Data Science Coding Resources

Intended Audience: No background in the language and looking to become “literate”. This doesn’t mean that you’ll get a job writing code in this language. Instead, the goal is to make you comfortable enough in the language so you can talk about it intelligently.

Python

MIT Introduction to Computer Science and Programming Using Python: This was the first online course I took and used a unique strategy to get the most of it. Instead of going through the lectures, I looked directly at the weekly projects and tried to solve them using Google and the book Learn Python the Hard Way (linked below). If your goal is only to learn Python and not the computer science concepts or the Data Science material, I think it’s the way to go. It also gives you real insights into how coding actually takes place.
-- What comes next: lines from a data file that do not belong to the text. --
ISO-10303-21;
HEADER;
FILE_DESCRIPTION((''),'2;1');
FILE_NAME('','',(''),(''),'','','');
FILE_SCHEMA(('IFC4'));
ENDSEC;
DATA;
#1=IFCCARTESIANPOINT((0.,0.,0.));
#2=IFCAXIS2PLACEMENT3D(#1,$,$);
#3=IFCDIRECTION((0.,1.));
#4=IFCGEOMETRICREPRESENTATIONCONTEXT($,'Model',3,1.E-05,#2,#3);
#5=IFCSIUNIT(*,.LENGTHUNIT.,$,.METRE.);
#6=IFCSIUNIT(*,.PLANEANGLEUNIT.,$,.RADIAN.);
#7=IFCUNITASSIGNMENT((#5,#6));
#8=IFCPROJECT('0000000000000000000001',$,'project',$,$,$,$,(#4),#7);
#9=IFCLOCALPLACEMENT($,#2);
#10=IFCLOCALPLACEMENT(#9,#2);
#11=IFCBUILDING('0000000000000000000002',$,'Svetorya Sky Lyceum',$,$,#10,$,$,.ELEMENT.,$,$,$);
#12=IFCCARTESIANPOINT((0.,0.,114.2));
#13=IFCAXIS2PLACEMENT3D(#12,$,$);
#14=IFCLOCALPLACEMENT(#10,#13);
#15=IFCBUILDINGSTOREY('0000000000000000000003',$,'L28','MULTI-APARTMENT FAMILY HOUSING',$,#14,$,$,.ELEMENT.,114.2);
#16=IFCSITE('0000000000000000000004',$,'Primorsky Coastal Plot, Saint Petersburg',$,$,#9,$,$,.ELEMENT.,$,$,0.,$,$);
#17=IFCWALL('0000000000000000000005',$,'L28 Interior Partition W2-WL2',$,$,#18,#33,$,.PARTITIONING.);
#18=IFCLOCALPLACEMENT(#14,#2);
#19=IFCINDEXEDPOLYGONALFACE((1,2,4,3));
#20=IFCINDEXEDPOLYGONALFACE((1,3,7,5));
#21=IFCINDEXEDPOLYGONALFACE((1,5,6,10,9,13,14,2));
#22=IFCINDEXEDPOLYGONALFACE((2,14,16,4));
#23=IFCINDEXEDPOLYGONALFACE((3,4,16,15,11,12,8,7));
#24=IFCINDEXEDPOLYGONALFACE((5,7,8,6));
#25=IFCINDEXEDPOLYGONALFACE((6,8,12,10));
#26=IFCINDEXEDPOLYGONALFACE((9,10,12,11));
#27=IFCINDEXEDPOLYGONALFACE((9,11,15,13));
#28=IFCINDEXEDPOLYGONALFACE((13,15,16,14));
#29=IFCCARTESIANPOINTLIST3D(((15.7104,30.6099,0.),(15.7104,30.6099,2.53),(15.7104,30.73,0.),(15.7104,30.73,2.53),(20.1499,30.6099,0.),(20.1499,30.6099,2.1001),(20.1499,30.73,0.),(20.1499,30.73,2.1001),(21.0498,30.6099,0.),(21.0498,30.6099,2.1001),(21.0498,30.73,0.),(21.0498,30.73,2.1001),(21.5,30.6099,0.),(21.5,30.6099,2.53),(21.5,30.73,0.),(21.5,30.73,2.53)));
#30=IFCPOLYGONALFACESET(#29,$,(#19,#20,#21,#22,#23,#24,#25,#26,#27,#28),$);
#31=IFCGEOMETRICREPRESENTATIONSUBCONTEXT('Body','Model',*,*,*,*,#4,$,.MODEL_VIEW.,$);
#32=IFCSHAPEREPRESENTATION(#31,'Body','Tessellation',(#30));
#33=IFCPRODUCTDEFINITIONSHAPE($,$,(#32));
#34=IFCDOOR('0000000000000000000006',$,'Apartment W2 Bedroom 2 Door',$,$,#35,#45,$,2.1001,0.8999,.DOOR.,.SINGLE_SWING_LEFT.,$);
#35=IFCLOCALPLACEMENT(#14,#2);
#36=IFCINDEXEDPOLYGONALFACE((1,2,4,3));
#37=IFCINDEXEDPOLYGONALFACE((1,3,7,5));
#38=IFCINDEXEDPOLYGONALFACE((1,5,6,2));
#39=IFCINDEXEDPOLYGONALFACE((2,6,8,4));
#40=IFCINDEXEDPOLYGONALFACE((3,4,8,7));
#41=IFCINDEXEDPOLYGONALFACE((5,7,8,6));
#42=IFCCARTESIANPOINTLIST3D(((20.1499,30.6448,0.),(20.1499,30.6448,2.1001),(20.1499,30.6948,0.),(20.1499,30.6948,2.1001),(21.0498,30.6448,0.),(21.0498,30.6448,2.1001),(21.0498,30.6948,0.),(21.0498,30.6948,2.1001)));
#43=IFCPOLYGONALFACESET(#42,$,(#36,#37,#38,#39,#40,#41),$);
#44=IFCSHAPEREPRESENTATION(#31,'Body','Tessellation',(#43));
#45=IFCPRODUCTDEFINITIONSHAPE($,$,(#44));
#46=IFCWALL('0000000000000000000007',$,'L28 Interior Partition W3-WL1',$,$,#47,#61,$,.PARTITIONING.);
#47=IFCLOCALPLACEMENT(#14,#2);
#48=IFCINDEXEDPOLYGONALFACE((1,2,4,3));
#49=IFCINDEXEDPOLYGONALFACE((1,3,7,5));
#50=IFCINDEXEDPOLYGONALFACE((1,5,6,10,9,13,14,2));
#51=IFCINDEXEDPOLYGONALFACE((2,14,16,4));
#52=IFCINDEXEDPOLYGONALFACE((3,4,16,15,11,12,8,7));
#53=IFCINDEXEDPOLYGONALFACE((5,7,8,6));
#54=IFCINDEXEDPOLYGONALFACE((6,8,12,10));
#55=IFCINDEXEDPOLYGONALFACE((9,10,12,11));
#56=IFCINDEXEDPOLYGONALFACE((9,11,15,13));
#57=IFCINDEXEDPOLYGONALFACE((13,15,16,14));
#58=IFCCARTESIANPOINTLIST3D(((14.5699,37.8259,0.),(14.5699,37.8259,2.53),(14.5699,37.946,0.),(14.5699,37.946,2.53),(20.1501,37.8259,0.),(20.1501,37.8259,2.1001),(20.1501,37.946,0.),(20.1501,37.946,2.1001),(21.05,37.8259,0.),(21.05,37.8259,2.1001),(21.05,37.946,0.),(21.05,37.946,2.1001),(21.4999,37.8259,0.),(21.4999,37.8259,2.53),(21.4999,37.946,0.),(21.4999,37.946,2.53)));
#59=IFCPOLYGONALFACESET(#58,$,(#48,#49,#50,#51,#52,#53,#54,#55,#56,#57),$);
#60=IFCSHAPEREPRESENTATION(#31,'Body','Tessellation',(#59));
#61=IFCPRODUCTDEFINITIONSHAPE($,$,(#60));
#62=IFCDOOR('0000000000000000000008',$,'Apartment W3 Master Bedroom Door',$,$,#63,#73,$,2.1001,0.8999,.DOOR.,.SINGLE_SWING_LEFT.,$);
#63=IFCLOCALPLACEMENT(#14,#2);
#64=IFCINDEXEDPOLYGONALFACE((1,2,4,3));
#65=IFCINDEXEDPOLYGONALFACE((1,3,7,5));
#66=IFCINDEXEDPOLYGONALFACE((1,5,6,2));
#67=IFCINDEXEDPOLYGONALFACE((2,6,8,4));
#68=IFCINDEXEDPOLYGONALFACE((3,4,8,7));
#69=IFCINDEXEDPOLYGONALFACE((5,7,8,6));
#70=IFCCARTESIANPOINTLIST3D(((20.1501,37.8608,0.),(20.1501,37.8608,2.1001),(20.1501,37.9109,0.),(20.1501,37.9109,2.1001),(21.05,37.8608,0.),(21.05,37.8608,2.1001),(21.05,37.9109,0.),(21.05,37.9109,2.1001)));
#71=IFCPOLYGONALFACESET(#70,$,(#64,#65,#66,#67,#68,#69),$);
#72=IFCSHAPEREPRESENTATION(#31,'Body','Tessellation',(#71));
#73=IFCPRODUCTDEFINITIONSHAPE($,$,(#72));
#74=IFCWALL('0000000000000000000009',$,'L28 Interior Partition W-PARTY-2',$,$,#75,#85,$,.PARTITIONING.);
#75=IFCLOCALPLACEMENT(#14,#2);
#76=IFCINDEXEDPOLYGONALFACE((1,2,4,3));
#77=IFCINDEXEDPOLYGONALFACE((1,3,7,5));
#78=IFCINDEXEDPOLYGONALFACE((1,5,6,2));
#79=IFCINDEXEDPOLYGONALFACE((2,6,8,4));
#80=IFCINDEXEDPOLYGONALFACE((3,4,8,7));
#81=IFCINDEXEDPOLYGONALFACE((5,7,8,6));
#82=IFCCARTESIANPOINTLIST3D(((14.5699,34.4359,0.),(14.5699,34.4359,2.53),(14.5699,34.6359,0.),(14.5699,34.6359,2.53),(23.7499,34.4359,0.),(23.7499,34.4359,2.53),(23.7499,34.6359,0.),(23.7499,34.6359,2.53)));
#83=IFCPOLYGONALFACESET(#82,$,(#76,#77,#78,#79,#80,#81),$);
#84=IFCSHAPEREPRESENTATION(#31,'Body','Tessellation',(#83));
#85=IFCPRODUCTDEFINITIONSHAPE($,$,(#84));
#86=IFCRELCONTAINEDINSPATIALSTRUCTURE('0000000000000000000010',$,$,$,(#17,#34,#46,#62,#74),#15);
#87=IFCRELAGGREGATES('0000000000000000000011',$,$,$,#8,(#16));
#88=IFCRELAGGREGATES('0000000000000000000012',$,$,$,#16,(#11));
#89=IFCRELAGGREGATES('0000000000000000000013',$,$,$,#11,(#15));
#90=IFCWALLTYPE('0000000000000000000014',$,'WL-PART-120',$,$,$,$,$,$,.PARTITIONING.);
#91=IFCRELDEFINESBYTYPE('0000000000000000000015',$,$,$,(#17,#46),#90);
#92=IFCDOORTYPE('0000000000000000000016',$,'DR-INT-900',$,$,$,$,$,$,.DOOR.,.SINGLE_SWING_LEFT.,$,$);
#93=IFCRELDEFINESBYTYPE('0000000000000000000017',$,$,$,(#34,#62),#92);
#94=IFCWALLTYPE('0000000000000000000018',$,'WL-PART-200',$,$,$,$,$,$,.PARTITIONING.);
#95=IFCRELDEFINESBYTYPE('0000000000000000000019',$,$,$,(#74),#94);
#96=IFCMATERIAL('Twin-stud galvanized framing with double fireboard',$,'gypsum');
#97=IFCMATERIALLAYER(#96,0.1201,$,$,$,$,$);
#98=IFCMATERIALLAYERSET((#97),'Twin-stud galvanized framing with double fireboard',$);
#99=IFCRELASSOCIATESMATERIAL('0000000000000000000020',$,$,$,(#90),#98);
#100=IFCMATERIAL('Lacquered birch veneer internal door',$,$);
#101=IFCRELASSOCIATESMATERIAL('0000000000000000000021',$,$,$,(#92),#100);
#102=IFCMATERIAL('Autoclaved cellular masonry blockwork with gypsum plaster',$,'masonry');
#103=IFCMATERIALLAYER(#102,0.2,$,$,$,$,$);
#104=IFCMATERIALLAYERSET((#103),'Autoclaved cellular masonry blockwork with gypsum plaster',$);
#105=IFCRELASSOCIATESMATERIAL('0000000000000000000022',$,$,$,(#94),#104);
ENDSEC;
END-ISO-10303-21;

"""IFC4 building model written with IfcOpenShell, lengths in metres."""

from ifc_helpers import new_model, si_unit, direction, frame, frame_2d, origin, place, context, subcontext, project, spatial, rectangle, extrude, material, layer, layer_set, type_object, element, fill, save


model = new_model("IFC4")

# Units and contexts
model_context = context("Model", 3, precision=1e-05, world=origin(), true_north=direction((0.0, 1.0)))
body_context = subcontext(model_context, "Body", "Model", "MODEL_VIEW")
ifc_project = project(units=[si_unit("LENGTHUNIT", "METRE"), si_unit("PLANEANGLEUNIT", "RADIAN")], contexts=[model_context])

# Site, building, storey
site_placement = place(None, origin())
site = spatial("IfcSite", under=ifc_project, at=site_placement, Name="Primorsky Coastal Plot, Saint Petersburg", CompositionType="ELEMENT", RefElevation=0.0)
building_placement = place(site_placement, origin())
building = spatial("IfcBuilding", under=site, at=building_placement, Name="Svetorya Sky Lyceum", CompositionType="ELEMENT")
storey_placement = place(building_placement, frame((0.0, 0.0, 114.2)))
storey = spatial("IfcBuildingStorey", under=building, at=storey_placement, Name="L28", Description="MULTI-APARTMENT FAMILY HOUSING", CompositionType="ELEMENT", Elevation=114.2)

# Walls, openings, doors
ifc_material_1 = material(Name="Twin-stud galvanized framing with double fireboard", Category="gypsum")
ifc_layer_1 = layer(ifc_material_1, 0.1201)
ifc_layer_set_1 = layer_set([ifc_layer_1], Name="Twin-stud galvanized framing with double fireboard")
wall_type_1 = type_object("IfcWallType", Name="WL-PART-120", PredefinedType="PARTITIONING", material=ifc_layer_set_1)
ifc_material_2 = material(Name="Lacquered birch veneer internal door")
door_type_1 = type_object("IfcDoorType", Name="DR-INT-900", OperationType="SINGLE_SWING_LEFT", PredefinedType="DOOR", material=ifc_material_2)
wall_1_placement = place(storey_placement, frame((15.7104, 30.6699, 0.0), z_axis=(0.0, 0.0, 1.0), x_axis=(1.0, 0.0, 0.0)))
wall_1 = element("IfcWall", 1, at=wall_1_placement, inside=storey, type_object=wall_type_1, Name="L28 Interior Partition W2-WL2", PredefinedType="PARTITIONING", context=body_context, shape_type="SweptSolid", body=[
    extrude(rectangle(XDim=5.7896, YDim=0.1201, at=frame_2d((2.8948, 0.0))), origin(), (0.0, 0.0, 1.0), 2.53),
])
opening_1_placement = place(wall_1_placement, frame((4.4395, 0.0, 0.0)))
opening_1 = element("IfcOpeningElement", 2, at=opening_1_placement, cuts=wall_1, PredefinedType="OPENING", context=body_context, shape_type="SweptSolid", body=[
    extrude(rectangle(XDim=0.8999, YDim=2.1001, at=frame_2d((0.45, 1.05))), frame((0.0, 0.0701, 0.0), z_axis=(0.0, -1.0, 0.0), x_axis=(1.0, 0.0, 0.0)), (0.0, 0.0, 1.0), 0.1401),
])
door_1_placement = place(opening_1_placement, origin())
door_1 = element("IfcDoor", 3, at=door_1_placement, inside=storey, type_object=door_type_1, Name="Apartment W2 Bedroom 2 Door", OperationType="SINGLE_SWING_LEFT", OverallHeight=2.1001, OverallWidth=0.8999, PredefinedType="DOOR", context=body_context, shape_type="SweptSolid", body=[
    extrude(rectangle(XDim=0.8999, YDim=2.1001, at=frame_2d((0.45, 1.05))), frame((0.0, 0.0249, 0.0), z_axis=(0.0, -1.0, 0.0), x_axis=(1.0, 0.0, 0.0)), (0.0, 0.0, 1.0), 0.05),
])
fill(opening_1, door_1)
wall_2_placement = place(storey_placement, frame((14.5701, 37.886, 0.0), z_axis=(0.0, 0.0, 1.0), x_axis=(1.0, 0.0, 0.0)))
wall_2 = element("IfcWall", 4, at=wall_2_placement, inside=storey, type_object=wall_type_1, Name="L28 Interior Partition W3-WL1", PredefinedType="PARTITIONING", context=body_context, shape_type="SweptSolid", body=[
    extrude(rectangle(XDim=6.9299, YDim=0.1201, at=frame_2d((3.4648, 0.0))), origin(), (0.0, 0.0, 1.0), 2.53),
])
opening_2_placement = place(wall_2_placement, frame((5.5801, 0.0, 0.0)))
opening_2 = element("IfcOpeningElement", 5, at=opening_2_placement, cuts=wall_2, PredefinedType="OPENING", context=body_context, shape_type="SweptSolid", body=[
    extrude(rectangle(XDim=0.8999, YDim=2.1001, at=frame_2d((0.45, 1.05))), frame((0.0, 0.0701, 0.0), z_axis=(0.0, -1.0, 0.0), x_axis=(1.0, 0.0, 0.0)), (0.0, 0.0, 1.0), 0.1401),
])
door_2_placement = place(opening_2_placement, origin())
door_2 = element("IfcDoor", 6, at=door_2_placement, inside=storey, type_object=door_type_1, Name="Apartment W3 Master Bedroom Door", OperationType="SINGLE_SWING_LEFT", OverallHeight=2.1001, OverallWidth=0.8999, PredefinedType="DOOR", context=body_context, shape_type="SweptSolid", body=[
    extrude(rectangle(XDim=0.8999, YDim=2.1001, at=frame_2d((0.45, 1.05))), frame((0.0, 0.0249, 0.0), z_axis=(0.0, -1.0, 0.0), x_axis=(1.0, 0.0, 0.0)), (0.0, 0.0, 1.0), 0.05),
])
fill(opening_2, door_2)

# Wall
ifc_material_3 = material(Name="Autoclaved cellular masonry blockwork with gypsum plaster", Category="masonry")
ifc_layer_2 = layer(ifc_material_3, 0.2)
ifc_layer_set_2 = layer_set([ifc_layer_2], Name="Autoclaved cellular masonry blockwork with gypsum plaster")
wall_type_2 = type_object("IfcWallType", Name="WL-PART-200", PredefinedType="PARTITIONING", material=ifc_layer_set_2)
wall_3_placement = place(storey_placement, frame((14.5701, 34.5359, 0.0), z_axis=(0.0, 0.0, 1.0), x_axis=(1.0, 0.0, 0.0)))
element("IfcWall", 7, at=wall_3_placement, inside=storey, type_object=wall_type_2, Name="L28 Interior Partition W-PARTY-2", PredefinedType="PARTITIONING", context=body_context, shape_type="SweptSolid", body=[
    extrude(rectangle(XDim=9.1799, YDim=0.2, at=frame_2d((4.5898, 0.0))), origin(), (0.0, 0.0, 1.0), 2.53),
])

save(model, "model.ifc")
Learn Python the Hard Way: This book costs $29 but is worth every penny (you can also probably find some PDFs on the internet). It’s

Pandas, NumPy, SciPy: These are libraries that you can import into Python to do common data manipulation and statistics jobs. I’ve linked my main reference for each. These are difficult to learn in a linear way. Instead, you figure out the capabilities as you need them.

[Advanced] Machine Learning for Coders: The course is based in Python, but I won’t recommend it if you haven’t had an introduction to Pandas, NumPy, or SciPy. However, once you have those fundamentals done, this really takes you to the next level.

SQL

Intro to SQL for Data Science by SQL: This is a good intro to SQL. It’s also fairly short and you can easily get through it in an afternoon.

SQL – Full course for beginners by freecodecamp: This YouTube video is more than four hours long and really gets into the details of how to use keys, indexes, complex joins, etc. This makes you fully literate in SQL and should be enough to get you ready for any pet project.

R

Learn R by Codeacademy: This is a good introduction to data cleaning and basic analysis in R. Everything in the course is in-console in the web browser but I would encourage you to replicate in RStudio on your computer as it’ll teach you some of nuances of how to do file management for R.

Introduction to Statistical Learning with Applications in R: This is OG textbook for learning R in the context of data science. If you can make it through the lab exercises at the end of every chapter in the book, you should have a better grasp on R and Data Science than 95% of people in the field.

Datasets

The best way to learn a language is by applying it to data that you’re interested in finding insights from. Here are a few places to find them:

Kaggle’s Public Dataset: This is a good starting option as it has categories and top-rated datasets on any topic you are possibly interested in.

UCI Machine Learning Repository: A scientific paper that uses the dataset is accompanied by the dataset itself so you can try to replicate/improve the analysis done in the paper. Also categorized by what methods were used.

Google’s Dataset Search: Still in beta, but very high quality datasets. Likely to become a lot better in the future.